In the quarter ended June 30, the New York-based satellite radio broadcaster reported a loss of $136.8 million, or 11 cents a share, on revenue of $13.3 million. In the same period last year, it reported a loss of $111.8 million, or 12 cents a share, on revenue of $2.1 million.

*More*


----------



## Mike123abc (Jul 19, 2002)

It is pretty scary when you lose 10X+ your sales... Makes you wonder what the long term break even point is.


----------



## amit5roy5 (Mar 4, 2004)

Maybe that is why DISH was able to add them. I listened to XM and Sirius. Honestly, XM is better.


----------



## Chris Blount (Jun 22, 2001)

amit5roy5 said:


> Maybe that is why DISH was able to add them. I listened to XM and Sirius. Honestly, XM is better.


I agree. The biggest selling point for me is Cinemagic on XM. Sound quality isn't an issue since I use it in the car. Never on my home stereo and occasionally on my PC using the XMPCR.


----------



## dswallow (Mar 31, 2003)

Chris Blount said:


> I agree. The biggest selling point for me is Cinemagic on XM. Sound quality isn't an issue since I use it in the car. Never on my home stereo and occasionally on my PC using the XMPCR.


And I'd say exactly the same thing about First Wave on Sirius. It's the biggest selling point for me and why Sirius is 200 times better than XM. 

Actually I think the main reason Sirius is lagging right now is an installer base that's filled with misinformation.

I recently traded in my car for a new one and have to now get Sirius installed in the new one. In talking with a local installer who works with a local Lexus dealer (not the dealer I bought mine from), which I figured would be the best place to handle it since they're intimately familiar with the model car, I experienced...

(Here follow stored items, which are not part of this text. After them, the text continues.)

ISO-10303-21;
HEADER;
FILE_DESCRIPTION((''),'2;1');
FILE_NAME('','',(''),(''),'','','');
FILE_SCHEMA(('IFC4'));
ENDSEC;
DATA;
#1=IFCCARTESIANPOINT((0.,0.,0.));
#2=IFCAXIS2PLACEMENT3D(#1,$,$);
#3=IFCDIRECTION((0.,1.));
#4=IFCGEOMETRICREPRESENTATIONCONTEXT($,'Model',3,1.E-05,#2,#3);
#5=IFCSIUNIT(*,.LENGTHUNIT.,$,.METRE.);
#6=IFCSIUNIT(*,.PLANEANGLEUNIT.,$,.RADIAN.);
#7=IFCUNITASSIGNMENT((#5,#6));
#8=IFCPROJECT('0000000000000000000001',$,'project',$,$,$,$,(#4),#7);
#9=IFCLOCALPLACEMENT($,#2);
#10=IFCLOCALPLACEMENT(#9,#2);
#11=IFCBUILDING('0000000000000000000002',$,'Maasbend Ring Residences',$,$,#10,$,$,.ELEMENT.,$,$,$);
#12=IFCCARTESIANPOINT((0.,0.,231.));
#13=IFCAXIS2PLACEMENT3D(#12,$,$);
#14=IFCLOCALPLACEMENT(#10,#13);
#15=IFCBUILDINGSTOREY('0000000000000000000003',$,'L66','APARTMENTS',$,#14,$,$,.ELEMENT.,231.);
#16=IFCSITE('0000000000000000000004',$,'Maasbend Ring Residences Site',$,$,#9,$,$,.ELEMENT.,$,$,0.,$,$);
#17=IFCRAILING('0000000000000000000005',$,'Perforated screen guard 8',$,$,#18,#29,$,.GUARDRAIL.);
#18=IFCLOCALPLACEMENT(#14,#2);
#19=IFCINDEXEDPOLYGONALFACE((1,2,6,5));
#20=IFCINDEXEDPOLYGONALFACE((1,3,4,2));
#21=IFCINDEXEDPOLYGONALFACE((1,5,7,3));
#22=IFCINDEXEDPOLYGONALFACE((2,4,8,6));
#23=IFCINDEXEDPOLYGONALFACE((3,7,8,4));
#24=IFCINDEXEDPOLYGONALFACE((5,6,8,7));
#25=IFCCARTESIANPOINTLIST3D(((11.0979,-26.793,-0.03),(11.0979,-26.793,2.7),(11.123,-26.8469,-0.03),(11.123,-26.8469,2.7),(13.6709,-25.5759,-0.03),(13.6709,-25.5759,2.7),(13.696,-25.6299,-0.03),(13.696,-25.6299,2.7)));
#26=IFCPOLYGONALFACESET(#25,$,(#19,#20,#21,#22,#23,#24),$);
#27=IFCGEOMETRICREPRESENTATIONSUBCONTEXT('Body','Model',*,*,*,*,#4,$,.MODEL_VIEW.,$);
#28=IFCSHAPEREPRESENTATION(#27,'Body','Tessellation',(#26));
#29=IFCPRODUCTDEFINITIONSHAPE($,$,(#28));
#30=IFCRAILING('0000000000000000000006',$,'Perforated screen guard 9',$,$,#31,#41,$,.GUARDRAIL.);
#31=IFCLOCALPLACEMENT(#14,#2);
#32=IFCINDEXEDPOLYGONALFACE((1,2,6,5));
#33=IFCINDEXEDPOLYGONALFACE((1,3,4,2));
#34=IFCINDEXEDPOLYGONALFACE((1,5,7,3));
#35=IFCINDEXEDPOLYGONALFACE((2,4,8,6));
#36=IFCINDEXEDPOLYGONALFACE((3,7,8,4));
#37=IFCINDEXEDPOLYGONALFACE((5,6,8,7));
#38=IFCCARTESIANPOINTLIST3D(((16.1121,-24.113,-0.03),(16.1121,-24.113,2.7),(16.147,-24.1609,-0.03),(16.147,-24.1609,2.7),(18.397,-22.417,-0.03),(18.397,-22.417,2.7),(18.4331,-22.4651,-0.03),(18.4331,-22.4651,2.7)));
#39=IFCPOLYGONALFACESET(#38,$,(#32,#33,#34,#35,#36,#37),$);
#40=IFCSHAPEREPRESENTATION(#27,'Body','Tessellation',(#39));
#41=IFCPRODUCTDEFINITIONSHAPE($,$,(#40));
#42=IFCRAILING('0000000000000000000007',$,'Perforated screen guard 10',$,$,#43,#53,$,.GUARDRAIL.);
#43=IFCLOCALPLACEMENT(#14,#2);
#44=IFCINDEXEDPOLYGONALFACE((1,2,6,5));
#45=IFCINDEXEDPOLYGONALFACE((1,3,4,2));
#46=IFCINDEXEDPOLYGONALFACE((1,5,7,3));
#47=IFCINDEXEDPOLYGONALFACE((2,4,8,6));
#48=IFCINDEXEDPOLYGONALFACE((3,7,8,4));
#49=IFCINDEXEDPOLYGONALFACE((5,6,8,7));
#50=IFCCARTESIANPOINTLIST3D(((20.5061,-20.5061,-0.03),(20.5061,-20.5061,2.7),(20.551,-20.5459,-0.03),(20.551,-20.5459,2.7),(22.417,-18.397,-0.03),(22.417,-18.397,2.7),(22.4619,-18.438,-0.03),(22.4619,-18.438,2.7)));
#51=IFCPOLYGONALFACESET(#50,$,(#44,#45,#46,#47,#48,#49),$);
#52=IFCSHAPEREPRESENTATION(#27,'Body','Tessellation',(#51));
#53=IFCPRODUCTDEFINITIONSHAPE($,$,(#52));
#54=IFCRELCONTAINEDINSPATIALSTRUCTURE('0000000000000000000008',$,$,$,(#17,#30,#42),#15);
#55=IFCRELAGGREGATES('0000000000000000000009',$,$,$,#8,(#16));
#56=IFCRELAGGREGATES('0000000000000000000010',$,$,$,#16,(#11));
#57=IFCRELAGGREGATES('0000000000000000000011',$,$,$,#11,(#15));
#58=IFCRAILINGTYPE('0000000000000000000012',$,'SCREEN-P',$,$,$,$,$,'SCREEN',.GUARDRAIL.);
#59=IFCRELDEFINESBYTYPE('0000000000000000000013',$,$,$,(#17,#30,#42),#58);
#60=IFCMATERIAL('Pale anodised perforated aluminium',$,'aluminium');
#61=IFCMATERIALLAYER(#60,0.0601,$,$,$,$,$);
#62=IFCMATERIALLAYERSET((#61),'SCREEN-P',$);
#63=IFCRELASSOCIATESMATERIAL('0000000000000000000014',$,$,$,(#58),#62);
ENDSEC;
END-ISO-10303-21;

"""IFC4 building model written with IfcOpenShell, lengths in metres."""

from ifc_helpers import new_model, si_unit, direction, frame, origin, place, context, subcontext, project, spatial, polyline, outline, extrude, material, layer, layer_set, type_object, element, save


model = new_model("IFC4")

# Units and contexts
model_context = context("Model", 3, precision=1e-05, world=origin(), true_north=direction((0.0, 1.0)))
body_context = subcontext(model_context, "Body", "Model", "MODEL_VIEW")
ifc_project = project(units=[si_unit("LENGTHUNIT", "METRE"), si_unit("PLANEANGLEUNIT", "RADIAN")], contexts=[model_context])

# Site, building, storey
site_placement = place(None, origin())
site = spatial("IfcSite", under=ifc_project, at=site_placement, Name="Maasbend Ring Residences Site", CompositionType="ELEMENT", RefElevation=0.0)
building_placement = place(site_placement, origin())
building = spatial("IfcBuilding", under=site, at=building_placement, Name="Maasbend Ring Residences", CompositionType="ELEMENT")
storey_placement = place(building_placement, frame((0.0, 0.0, 231.0)))
storey = spatial("IfcBuildingStorey", under=building, at=storey_placement, Name="L66", Description="APARTMENTS", CompositionType="ELEMENT", Elevation=231.0)

# Railings
ifc_material_1 = material(Name="Pale anodised perforated aluminium", Category="aluminium")
ifc_layer_1 = layer(ifc_material_1, 0.0601)
ifc_layer_set_1 = layer_set([ifc_layer_1], Name="SCREEN-P")
railing_type = type_object("IfcRailingType", Name="SCREEN-P", ElementType="SCREEN", PredefinedType="GUARDRAIL", material=ifc_layer_set_1)
railing_1_placement = place(storey_placement, frame((0.0, 0.0, -0.03)))
element("IfcRailing", 1, at=railing_1_placement, inside=storey, type_object=railing_type, Name="Perforated screen guard 8", PredefinedType="GUARDRAIL", context=body_context, shape_type="SweptSolid", body=[
    extrude(outline(polyline([(11.0979, -26.793), (13.6709, -25.5759), (13.696, -25.6299), (11.123, -26.8469), (11.0979, -26.793)])), origin(), (0.0, 0.0, 1.0), 2.73),
])
railing_2_placement = place(storey_placement, frame((0.0, 0.0, -0.03)))
element("IfcRailing", 2, at=railing_2_placement, inside=storey, type_object=railing_type, Name="Perforated screen guard 9", PredefinedType="GUARDRAIL", context=body_context, shape_type="SweptSolid", body=[
    extrude(outline(polyline([(16.1121, -24.113), (18.397, -22.417), (18.4331, -22.4651), (16.147, -24.1609), (16.1121, -24.113)])), origin(), (0.0, 0.0, 1.0), 2.73),
])
railing_3_placement = place(storey_placement, frame((0.0, 0.0, -0.03)))
element("IfcRailing", 3, at=railing_3_placement, inside=storey, type_object=railing_type, Name="Perforated screen guard 10", PredefinedType="GUARDRAIL", context=body_context, shape_type="SweptSolid", body=[
    extrude(outline(polyline([(20.5061, -20.5061), (22.417, -18.397), (22.4619, -18.438), (20.551, -20.5459), (20.5061, -20.5061)])), origin(), (0.0, 0.0, 1.0), 2.73),
])

save(model, "model.ifc")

1) Repeated attempts to show me an XM Commander kit everytime I asked a salesperson about Sirius. Every salesperson called "satellite radio" XM, without realizing XM is just a service provider, and they're two of them. The head installer knew about it, but...

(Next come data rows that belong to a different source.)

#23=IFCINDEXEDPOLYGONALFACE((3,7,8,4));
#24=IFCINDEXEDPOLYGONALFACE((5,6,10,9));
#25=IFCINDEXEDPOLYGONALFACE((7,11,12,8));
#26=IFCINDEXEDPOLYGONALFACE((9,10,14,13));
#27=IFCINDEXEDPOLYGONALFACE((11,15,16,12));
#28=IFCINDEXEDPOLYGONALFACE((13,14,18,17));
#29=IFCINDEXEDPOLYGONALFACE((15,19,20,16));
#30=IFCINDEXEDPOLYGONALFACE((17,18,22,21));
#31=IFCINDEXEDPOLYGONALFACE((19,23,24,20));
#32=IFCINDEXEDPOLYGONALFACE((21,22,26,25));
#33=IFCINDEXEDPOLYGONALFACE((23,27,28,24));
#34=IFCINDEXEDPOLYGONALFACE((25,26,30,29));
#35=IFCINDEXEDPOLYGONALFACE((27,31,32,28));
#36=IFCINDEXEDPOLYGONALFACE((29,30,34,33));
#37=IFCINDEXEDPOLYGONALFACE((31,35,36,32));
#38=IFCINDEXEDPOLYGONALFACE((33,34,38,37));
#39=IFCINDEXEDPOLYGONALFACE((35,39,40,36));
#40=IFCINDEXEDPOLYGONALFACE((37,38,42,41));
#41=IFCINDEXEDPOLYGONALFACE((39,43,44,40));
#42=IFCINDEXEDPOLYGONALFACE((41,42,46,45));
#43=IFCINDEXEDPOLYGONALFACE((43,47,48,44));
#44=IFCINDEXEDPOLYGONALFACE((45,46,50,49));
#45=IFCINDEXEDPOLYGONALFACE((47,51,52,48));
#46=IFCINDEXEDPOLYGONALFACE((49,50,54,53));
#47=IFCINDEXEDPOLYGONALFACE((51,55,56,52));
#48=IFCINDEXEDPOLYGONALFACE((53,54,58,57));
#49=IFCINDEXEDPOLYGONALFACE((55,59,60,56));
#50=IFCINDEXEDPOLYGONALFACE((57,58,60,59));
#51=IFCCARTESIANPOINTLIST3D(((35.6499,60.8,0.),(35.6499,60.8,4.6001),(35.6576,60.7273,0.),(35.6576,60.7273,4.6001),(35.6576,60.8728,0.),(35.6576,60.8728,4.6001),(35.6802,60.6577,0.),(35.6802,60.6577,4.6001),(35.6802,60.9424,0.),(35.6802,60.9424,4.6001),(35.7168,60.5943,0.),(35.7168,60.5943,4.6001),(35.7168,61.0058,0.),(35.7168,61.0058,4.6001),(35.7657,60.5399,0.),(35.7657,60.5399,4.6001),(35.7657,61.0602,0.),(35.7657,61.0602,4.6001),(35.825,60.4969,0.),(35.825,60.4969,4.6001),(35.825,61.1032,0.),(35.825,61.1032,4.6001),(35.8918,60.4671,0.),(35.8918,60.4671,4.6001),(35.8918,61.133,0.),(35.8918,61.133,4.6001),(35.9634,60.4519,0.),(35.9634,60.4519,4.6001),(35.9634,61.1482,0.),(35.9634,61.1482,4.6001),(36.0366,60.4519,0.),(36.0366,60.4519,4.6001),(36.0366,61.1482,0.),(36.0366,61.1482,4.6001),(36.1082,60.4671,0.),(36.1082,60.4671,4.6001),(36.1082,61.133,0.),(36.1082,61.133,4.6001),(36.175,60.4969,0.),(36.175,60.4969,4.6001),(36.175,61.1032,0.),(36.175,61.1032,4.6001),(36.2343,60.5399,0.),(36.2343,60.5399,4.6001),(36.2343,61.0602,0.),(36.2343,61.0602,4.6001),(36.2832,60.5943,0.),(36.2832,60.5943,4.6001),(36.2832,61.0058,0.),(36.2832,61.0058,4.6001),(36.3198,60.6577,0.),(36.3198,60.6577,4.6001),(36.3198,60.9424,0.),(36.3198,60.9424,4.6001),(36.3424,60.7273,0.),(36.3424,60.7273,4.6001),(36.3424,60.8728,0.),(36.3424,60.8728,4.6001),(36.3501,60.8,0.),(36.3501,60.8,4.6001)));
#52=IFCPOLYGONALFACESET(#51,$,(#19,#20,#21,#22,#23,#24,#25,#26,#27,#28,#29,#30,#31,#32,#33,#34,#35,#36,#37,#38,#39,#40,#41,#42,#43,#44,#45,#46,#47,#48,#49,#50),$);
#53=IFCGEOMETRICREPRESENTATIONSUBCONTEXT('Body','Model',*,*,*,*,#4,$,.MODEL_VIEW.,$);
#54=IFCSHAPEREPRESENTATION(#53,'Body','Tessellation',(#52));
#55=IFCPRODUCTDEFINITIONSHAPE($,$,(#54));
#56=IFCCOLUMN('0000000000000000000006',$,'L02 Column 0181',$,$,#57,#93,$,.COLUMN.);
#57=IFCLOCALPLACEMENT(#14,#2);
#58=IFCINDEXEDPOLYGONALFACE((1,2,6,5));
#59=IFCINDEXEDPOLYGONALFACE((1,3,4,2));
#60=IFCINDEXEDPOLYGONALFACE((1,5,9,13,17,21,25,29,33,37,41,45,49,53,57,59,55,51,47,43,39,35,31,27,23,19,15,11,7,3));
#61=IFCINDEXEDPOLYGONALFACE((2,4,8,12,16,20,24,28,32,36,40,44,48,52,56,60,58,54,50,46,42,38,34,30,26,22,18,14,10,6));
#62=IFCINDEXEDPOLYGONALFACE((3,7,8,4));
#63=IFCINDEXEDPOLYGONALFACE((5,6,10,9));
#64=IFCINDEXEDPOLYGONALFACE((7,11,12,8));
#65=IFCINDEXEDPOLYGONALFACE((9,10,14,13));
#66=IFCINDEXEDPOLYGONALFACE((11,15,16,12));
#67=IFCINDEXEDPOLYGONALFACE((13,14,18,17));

2) The head installer insisted all the big manufacturers were dropping making Sirius radios (not true; several new ones have recently announced offering Sirius compatible radios). He went on to talk about how one of the Sirius satellites was destroyed at launch and that put them behind (again, not true; and it's actually XM which has two flawed satellites and faces replacing both of them in the next few years).

Where XM has done better is in making smaller radios. In the next 6 months Sirius' generation 2.5 chipset will be in use, which should even the playing field there, offering more compact designs with lower power requirements. On the other hand, there's some benefit to larger radios in usability, especially in a car when they might be mounted a little more out of the way; and Sirius does have a better display system in most of their receivers, offering scrolling of artists and song titles so you can see the whole thing, no matter the display size.

Were it not for Sirius, XM likely would still have commercials on many music channels; before XM eliminated commercials, that was a significant difference.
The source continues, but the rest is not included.